In Flux, the batch size is last. So, for image data, it follows WHCN format. Also, you only call the model on a batch at a time. So, d(x) assume that x is a batch of data. If you want one batch of five samples and 64 features, then you need

d = Dense(64, 2)
# apply to a single batch of size 5 w/ 64 features
d(rand(Float32, 64, 5))

# create a vector of 10 batches
# each batch is size 5 w/ 64 features
xs = [rand(Float32, 64, 5) for _ in 1:10]

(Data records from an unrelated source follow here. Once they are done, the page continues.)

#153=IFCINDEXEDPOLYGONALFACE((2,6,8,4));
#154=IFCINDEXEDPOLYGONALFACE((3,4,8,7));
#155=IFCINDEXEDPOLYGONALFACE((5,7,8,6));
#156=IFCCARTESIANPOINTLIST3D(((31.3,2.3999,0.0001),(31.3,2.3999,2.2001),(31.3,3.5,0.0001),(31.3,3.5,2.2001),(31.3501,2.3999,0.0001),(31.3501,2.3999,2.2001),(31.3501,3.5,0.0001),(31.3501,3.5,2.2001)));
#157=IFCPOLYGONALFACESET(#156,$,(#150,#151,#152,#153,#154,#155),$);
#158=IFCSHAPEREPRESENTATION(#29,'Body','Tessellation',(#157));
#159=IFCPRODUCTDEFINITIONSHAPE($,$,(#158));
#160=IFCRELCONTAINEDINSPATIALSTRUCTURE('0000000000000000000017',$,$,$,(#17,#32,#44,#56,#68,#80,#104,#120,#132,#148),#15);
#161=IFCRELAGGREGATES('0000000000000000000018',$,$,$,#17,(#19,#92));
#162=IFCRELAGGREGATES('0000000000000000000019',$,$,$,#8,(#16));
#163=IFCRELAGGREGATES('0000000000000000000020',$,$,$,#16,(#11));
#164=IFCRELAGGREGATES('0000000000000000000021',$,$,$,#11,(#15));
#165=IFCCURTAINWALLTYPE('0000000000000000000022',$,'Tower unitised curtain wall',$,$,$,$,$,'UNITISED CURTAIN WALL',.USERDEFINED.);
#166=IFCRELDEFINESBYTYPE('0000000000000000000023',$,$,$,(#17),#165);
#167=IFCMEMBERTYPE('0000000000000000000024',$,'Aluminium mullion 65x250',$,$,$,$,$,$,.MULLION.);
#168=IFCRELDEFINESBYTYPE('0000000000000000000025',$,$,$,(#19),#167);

# loop over the batches and apply the model
ys = []
for x in xs
  y = d(x)
  push!(ys, y)
end

# use map instead of a loop
ys = map(d, xs)

# use broadcasting
ys = d.(x)

Also, maybe you already have data that you need to split into batches. You can use the following:

using Iterators: partition

# create a 100 samples w/ 64 features each
X = rand(Float32, 64, 100)

# split into batches of size 5
xs = [X[:, i] for i in partition(1:100, 5)]

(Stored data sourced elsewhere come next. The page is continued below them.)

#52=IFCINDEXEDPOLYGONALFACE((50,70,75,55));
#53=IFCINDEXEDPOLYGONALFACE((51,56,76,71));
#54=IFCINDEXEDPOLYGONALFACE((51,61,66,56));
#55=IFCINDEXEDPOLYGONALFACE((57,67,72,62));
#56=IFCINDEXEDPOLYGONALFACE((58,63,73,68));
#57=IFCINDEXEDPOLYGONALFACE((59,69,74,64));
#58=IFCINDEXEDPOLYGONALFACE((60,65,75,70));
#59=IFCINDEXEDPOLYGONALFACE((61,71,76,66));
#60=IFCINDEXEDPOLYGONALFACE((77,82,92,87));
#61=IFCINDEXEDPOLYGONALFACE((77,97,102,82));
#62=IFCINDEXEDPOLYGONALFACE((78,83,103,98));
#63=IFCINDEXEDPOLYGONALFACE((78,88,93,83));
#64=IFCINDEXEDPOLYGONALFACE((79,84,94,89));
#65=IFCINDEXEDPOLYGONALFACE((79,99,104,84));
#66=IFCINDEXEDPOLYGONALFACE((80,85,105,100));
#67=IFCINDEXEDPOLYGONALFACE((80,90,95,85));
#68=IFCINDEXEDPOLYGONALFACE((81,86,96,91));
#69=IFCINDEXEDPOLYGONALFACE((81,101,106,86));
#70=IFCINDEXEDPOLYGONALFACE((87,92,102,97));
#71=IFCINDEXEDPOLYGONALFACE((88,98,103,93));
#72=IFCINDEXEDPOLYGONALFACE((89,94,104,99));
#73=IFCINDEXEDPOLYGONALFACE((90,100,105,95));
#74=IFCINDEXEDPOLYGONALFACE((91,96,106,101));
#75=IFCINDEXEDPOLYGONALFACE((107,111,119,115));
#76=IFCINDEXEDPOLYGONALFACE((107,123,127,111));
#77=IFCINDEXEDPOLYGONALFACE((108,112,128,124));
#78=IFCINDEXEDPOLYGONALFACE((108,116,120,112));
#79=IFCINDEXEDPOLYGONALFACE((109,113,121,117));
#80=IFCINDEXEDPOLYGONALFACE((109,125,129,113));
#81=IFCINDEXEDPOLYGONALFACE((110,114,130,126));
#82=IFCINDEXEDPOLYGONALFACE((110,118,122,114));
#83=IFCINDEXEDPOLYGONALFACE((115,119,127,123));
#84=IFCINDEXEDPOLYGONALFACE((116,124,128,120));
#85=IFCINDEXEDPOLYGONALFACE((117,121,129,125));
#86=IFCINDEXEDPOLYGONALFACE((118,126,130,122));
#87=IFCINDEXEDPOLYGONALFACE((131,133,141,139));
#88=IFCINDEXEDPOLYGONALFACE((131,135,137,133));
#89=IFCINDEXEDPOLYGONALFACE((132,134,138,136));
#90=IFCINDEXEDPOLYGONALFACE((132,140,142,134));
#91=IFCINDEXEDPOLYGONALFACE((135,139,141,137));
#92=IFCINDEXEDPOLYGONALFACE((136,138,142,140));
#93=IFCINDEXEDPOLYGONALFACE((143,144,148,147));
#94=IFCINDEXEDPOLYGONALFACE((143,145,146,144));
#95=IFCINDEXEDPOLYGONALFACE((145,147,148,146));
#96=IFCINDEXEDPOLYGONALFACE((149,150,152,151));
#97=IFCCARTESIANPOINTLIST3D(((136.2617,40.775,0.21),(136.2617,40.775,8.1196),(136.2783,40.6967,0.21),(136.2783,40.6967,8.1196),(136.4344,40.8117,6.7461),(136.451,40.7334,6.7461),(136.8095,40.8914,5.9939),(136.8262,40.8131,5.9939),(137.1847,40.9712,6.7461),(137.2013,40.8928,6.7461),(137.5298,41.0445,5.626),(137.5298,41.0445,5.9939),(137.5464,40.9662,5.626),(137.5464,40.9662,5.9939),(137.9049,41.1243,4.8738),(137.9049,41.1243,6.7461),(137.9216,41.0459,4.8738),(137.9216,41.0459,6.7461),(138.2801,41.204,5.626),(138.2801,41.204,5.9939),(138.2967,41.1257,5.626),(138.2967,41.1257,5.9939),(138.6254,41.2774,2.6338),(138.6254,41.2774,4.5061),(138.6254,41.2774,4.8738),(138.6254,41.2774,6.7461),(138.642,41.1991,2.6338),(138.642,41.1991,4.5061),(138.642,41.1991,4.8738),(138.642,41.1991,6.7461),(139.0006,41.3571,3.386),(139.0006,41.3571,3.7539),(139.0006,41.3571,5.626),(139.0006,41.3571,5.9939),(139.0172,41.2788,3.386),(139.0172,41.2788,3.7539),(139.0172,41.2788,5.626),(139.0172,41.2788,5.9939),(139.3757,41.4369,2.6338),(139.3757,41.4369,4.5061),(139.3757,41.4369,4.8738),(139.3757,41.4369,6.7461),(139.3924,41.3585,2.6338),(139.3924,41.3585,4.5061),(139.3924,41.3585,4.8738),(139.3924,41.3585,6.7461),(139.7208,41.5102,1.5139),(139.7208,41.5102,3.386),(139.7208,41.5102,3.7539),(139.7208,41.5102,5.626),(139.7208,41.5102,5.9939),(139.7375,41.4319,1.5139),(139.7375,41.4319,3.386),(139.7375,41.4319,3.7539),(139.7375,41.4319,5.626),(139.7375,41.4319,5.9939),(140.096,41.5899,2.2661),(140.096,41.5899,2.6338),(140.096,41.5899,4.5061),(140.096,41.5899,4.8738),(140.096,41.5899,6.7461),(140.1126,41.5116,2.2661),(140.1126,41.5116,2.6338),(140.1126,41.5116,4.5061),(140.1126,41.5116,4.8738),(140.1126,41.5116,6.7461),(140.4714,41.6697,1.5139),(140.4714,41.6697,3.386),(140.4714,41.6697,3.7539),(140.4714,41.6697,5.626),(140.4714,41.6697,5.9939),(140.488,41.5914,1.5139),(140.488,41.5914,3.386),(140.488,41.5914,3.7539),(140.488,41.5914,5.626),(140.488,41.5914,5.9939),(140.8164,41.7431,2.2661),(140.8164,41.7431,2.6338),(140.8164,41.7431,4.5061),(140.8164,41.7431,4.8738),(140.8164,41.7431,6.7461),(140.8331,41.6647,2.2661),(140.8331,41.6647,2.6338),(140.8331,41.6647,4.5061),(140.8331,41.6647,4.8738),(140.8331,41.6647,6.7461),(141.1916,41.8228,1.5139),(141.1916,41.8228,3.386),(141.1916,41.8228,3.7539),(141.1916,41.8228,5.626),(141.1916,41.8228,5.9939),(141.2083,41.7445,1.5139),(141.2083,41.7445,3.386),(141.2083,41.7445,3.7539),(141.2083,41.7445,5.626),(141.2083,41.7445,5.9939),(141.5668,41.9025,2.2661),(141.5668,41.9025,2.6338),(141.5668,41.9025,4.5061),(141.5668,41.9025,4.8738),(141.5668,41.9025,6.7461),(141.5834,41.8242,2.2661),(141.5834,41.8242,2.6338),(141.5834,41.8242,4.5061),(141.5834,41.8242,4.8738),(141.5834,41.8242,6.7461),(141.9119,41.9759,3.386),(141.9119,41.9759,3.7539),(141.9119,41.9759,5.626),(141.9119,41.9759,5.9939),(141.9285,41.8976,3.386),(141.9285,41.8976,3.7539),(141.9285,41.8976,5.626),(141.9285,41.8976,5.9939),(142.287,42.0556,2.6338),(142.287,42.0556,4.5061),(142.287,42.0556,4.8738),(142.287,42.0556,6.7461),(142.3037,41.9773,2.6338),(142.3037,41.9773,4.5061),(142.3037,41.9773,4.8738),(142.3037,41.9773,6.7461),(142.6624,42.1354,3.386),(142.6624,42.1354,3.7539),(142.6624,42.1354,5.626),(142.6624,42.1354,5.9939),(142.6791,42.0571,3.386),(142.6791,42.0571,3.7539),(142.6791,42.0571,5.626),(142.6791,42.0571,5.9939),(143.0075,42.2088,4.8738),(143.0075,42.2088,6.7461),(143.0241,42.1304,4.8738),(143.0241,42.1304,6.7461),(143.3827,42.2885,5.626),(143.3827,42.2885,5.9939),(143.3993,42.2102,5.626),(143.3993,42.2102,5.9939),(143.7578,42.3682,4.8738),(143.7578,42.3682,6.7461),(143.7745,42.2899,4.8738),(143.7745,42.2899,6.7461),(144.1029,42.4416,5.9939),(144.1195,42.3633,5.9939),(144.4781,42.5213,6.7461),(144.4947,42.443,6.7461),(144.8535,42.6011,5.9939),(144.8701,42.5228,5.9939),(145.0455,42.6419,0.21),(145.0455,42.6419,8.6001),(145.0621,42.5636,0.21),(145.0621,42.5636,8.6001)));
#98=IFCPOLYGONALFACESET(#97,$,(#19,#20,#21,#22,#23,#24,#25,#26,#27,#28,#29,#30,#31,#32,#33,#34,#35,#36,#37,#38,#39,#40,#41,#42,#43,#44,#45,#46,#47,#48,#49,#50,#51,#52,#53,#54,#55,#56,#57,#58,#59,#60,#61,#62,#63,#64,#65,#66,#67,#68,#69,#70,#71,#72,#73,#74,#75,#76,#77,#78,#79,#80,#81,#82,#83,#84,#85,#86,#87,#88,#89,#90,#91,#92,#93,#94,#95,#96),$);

Lastly, the methods above are using basic Julia functionality which is usually sufficient for simple arrays of data like X. But for complex datasets, you might want to use data loaders with built-in batching like Flux.DataLoader or DataLoaders.DataLoader.

Yeah if you need to stay on Julia 1.3.1 then you won’t be able to use Flux 0.12. Not much you can do.

1 Like

Basically, what I need is to overload this function with this new version (taken from version 0.12):

function (a::Dense)(x::AbstractArray)
    W, b, σ = a.W, a.b, a.σ
    σ.(W*x .+ b)
    # reshape to handle dims > 1 as batch dimensions
    sz = size(x)
    x = reshape(x, sz[1], :) 
    x = σ.(W*x .+ b)
    return reshape(x, :, sz[2:end]...)
end

How can I do it? In my tests, Julia still prefers the Flux function, not mine

You need to either add import Flux: Dense at the start of your code. Or do (a::Flux.Dense)(x::AbstractArray) in your definition. (you need to override/extend the function in the Flux namespace).

Also, adding that override would make your code run, but I don’t think it will do want you want it to. Maybe I just misunderstood your explanation from before though.